With FAT, you are constantly jumping between the table at the beginning of the disk to get the next cluster number and the data, unless disk caching pulled it in RAM.
I remember that being a reason why the MFT in NTFS is positioned in the middle of the drive so that on average the head has to travel less. And NTFS also supports putting small file contents directly into the MFT entry, which also cuts down on head movement. Nowadays all that probably is moot and a relic from ancient times (although I still have enough hard drives running at home).
Not really.

First thing the middle of the volume/partition is not the middle of the disk in any multi-partitioned disk, then NTFS $MFT is not (and never has been) in the middle of the partition, its location varies depending on the size of the volume/partiton but above a certain size, around 5/6 GB it is at a fixed offset, usually on LCN #786432 which - on a normal 8 KB/cluster NTFS volume - amounts to offset 6,291,456 sectors or 6,442,450,944 bytes, rarely the middle of the volume, unless its size is around 13 GB.

Have you found the difference between formatting NTFS in older Windows versions compared to the recent releases?

Seems to me the MFT was in the middle of volumes commonly in older versions, and lately much closer to the beginning of the volume.

Could have something to do with the feature of shrinking a volume which became more common, and you can now more often shrink an NTFS volume by more than half, which was often impossible in earlier years.

I have not enough data/experience for more recent Windows versions, but at least up to 7 (and starting from Windows 2000, the NTFS in NT 3.51 and 4.00 had some differences) the MFT start address is variable up to a certain volume size (as said if I recall correctly the switch to "fixed" is between 5 and 6 GB.

If you "think in hex" the address is in the PBR expressed in clusters (VCN) as "0xC0000" (at offset 0x30 or 48 dec you should find "00000C000000000"), which is a nice, round number.

Maybe you remember the "old" NTFS format (NT 3/4) where the mirror of the bootsector (aka $BootMirr, not the $MFT)was exactly in the middle of the volume, but since Windows 2000 this copy of the first sector of the PBR was moved in the "gray zone" at the end (inside the partition but outside the volume[1]).

As a side note (and JFYI) thanks to (from 7 onwards) NTFS resizing capabilities it is possible to "force" the $MFT to very early sectors, see this only seemingly unrelated thread here:

http://reboot.pro/index.php?showtopic=18022

[1] some info on the matter in this other, as well seemingly unrelated, thread:

http://reboot.pro/index.php?showtopic=18034

HPFS definitely put the root directory in the "seek center": http://spider.seds.org/spider/OS2/HPFS/dirs.html

This now makes me wonder whether the middle disk block (numerically) is equal "seek times" away from disk edges.

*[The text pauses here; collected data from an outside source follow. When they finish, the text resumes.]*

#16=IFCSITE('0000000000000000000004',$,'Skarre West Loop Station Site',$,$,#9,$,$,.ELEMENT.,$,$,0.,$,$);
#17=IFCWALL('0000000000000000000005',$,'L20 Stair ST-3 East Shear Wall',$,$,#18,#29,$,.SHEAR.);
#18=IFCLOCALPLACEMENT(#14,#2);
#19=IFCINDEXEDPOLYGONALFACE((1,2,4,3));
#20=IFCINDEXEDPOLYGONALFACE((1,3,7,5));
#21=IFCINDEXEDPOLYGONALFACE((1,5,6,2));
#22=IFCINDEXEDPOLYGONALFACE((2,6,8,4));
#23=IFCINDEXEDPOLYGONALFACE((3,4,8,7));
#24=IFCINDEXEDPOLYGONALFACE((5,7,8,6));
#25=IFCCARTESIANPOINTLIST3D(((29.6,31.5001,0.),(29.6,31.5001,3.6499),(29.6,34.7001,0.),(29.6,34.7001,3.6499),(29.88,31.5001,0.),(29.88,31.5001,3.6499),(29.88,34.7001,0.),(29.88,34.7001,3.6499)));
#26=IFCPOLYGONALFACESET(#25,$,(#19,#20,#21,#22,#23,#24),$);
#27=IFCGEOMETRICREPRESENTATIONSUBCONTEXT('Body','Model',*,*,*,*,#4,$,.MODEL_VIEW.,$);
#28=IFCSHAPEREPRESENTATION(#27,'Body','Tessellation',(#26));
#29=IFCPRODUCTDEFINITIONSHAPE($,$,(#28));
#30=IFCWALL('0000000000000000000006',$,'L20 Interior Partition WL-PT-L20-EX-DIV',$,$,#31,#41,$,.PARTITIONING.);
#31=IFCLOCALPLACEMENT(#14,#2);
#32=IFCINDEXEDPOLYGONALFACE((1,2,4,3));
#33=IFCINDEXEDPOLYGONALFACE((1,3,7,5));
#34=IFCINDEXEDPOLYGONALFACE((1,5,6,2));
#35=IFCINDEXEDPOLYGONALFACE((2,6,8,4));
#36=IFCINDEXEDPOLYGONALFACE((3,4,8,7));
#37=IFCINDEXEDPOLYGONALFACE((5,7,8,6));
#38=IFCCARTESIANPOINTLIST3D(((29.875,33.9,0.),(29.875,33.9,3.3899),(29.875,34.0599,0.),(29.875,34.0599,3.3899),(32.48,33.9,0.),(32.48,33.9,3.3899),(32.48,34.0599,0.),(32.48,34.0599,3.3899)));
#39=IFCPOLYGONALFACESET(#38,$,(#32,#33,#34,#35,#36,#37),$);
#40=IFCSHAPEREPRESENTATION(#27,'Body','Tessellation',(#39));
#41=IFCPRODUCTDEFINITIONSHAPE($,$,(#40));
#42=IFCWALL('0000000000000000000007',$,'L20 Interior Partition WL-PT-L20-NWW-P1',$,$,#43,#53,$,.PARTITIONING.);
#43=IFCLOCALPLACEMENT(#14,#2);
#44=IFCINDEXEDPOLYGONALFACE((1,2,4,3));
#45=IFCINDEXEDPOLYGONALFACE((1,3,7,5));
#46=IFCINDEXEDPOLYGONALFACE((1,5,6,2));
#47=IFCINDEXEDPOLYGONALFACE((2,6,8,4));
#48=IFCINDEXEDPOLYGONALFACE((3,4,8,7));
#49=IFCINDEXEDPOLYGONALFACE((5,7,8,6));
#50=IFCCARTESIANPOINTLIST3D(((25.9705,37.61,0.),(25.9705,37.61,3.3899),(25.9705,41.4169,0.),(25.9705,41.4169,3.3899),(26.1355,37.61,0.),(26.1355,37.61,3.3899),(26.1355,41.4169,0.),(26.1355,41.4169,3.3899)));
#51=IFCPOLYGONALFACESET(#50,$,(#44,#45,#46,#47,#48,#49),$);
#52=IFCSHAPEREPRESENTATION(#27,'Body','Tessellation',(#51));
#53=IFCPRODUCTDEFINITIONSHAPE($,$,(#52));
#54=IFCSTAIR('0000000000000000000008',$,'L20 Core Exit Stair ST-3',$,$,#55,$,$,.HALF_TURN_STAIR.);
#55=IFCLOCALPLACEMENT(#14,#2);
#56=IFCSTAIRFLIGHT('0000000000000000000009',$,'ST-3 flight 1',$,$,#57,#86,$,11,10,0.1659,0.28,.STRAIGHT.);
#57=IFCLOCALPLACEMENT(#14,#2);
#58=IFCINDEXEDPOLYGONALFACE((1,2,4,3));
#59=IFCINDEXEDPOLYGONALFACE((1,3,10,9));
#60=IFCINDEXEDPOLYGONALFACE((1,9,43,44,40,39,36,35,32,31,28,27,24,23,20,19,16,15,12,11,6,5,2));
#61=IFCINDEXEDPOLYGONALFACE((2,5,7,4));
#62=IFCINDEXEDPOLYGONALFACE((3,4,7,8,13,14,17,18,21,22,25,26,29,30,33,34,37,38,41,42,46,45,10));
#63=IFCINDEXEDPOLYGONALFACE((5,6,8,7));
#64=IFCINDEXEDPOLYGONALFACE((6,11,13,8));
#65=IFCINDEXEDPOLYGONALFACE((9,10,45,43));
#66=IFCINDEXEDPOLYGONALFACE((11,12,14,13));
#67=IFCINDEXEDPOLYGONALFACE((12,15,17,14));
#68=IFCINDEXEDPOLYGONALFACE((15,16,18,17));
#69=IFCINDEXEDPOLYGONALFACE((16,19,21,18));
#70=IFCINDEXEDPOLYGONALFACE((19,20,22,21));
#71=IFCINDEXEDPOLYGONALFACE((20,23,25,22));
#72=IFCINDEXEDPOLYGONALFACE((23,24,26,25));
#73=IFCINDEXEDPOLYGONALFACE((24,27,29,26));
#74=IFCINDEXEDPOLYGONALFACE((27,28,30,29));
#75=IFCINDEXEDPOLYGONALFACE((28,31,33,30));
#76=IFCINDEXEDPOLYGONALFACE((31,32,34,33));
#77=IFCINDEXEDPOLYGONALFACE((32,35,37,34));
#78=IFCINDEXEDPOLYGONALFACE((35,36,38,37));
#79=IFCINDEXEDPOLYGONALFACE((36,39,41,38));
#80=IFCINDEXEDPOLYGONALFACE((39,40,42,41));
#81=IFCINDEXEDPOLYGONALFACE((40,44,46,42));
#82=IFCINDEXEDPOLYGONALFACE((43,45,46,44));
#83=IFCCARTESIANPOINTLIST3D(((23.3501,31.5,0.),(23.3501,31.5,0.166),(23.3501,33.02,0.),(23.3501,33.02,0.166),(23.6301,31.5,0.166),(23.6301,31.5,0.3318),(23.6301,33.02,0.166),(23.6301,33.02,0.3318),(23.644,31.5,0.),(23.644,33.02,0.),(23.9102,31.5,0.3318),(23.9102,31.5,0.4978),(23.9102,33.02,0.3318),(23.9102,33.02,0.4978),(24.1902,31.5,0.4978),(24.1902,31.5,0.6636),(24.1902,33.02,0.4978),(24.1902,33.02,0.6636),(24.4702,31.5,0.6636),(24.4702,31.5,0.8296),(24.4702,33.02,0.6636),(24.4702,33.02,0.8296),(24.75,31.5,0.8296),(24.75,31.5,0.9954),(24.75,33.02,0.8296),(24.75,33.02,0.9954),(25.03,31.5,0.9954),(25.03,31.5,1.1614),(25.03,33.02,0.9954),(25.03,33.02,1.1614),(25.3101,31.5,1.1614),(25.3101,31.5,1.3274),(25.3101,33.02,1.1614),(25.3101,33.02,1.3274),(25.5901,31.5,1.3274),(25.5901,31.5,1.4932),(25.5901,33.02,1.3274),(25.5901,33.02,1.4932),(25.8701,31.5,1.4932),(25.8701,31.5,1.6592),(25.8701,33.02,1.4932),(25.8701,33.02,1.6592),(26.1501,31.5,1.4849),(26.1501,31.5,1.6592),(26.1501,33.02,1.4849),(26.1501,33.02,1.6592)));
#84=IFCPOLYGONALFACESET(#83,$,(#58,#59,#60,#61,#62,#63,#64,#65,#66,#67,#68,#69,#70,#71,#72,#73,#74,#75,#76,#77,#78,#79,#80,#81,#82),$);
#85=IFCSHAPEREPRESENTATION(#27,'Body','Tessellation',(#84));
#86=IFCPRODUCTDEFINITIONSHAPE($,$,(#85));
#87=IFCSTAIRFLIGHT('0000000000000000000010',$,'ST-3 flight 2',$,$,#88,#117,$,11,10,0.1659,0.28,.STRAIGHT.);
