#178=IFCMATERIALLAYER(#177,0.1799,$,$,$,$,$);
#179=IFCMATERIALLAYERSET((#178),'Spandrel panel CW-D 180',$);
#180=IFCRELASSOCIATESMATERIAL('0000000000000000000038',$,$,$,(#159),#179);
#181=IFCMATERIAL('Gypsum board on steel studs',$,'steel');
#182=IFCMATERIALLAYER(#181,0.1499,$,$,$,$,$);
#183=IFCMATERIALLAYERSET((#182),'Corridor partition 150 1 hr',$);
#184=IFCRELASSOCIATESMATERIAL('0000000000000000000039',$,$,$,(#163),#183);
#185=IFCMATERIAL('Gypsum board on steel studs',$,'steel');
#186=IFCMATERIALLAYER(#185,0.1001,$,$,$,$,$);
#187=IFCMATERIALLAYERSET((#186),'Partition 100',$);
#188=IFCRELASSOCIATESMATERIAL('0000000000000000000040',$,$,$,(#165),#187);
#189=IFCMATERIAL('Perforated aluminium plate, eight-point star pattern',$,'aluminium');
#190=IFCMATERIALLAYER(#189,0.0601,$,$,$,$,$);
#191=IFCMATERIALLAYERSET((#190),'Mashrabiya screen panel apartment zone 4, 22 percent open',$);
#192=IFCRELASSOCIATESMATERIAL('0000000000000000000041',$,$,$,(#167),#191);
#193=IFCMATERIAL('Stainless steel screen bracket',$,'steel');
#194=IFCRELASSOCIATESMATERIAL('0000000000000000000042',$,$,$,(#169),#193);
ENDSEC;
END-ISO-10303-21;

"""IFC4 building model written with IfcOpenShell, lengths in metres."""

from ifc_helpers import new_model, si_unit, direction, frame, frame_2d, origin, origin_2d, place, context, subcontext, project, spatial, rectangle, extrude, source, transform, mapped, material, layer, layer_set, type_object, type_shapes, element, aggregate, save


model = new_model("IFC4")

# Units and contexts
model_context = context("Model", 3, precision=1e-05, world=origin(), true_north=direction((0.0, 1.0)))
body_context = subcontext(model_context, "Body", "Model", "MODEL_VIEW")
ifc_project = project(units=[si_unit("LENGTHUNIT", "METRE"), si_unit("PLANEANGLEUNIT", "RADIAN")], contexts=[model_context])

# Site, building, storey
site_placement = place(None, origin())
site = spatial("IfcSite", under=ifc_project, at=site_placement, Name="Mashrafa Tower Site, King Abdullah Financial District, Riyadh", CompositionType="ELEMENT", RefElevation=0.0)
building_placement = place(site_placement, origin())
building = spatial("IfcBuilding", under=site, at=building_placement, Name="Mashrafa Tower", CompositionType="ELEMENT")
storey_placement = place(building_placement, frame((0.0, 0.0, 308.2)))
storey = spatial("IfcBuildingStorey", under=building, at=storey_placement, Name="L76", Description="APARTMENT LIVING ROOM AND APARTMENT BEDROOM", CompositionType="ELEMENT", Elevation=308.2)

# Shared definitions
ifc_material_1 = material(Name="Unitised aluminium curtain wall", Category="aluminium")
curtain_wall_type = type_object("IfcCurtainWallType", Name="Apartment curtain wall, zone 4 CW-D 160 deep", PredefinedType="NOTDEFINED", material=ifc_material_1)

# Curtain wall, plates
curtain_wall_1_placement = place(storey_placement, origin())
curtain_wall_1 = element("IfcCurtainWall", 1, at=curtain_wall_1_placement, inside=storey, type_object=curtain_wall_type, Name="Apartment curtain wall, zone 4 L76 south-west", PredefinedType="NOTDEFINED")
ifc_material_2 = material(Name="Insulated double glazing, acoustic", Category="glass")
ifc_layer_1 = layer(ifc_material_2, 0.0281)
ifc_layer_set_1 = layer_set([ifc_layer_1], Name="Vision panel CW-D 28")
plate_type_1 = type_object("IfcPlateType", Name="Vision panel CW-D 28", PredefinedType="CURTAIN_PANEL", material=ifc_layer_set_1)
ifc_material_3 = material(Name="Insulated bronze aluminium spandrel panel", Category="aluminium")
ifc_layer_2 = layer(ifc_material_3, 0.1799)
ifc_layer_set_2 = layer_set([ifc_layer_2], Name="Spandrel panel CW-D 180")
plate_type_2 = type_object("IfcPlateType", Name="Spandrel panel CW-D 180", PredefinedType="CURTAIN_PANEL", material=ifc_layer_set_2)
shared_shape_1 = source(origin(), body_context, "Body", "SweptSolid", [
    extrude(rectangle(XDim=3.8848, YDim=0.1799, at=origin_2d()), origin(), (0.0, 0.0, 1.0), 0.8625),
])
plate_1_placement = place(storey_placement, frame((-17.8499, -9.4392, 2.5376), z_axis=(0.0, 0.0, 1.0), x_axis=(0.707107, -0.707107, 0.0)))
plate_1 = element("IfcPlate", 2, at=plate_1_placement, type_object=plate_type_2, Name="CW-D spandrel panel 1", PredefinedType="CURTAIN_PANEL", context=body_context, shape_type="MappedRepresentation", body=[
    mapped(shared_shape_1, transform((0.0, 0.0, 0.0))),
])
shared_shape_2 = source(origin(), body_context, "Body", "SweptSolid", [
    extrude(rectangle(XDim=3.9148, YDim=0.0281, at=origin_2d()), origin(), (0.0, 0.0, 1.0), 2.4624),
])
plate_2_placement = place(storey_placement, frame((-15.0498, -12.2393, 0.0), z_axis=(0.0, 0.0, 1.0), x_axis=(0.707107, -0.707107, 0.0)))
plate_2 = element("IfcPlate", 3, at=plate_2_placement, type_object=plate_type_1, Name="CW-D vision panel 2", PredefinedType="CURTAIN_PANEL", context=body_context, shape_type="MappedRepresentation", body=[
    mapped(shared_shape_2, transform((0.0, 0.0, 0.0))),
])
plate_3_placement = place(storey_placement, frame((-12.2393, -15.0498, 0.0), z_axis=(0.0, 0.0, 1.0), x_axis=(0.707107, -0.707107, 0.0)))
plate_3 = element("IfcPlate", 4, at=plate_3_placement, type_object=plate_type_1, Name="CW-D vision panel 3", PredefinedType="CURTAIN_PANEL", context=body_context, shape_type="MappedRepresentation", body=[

But a defrag FAT jumps much much less, because the cluster slots allocated to the same file will be close to each other, often in the same sector. I would be surprised if DOS doesn't optimize for this case.
Defrag absolutely helped in the winxp days if your HDD was always >90% full. Every chunk of data written to a full HDD would get spread across the platter, cutting your read and write IOPS to a fraction of what you expect. It was especially noticeable on laptops since their platters spin slower.
For most file systems performance suffers at latest at the 90% full mark, if not before.
Faster disk access was one selling point. But as I recall the primary reason to defrag was to prevent problems caused by long FAT chains. And when something did go wrong, contiguous files were easier to recover from the damaged filesystem.
It made a massive difference on spinny disks because of the elevator algorithm and the time it took to relocate physical heads and spin the disks around.
I suppose it solves the support staff's problem of convincing a customer that they fixed an issue.
A fragmented hard drive was so much faster than a defragmented floppy disk that I was happy either way.
Also quieter. I remember the satisfaction I felt after defragging the drive and no longer hearing the driving thrashing around on the smallest read operation.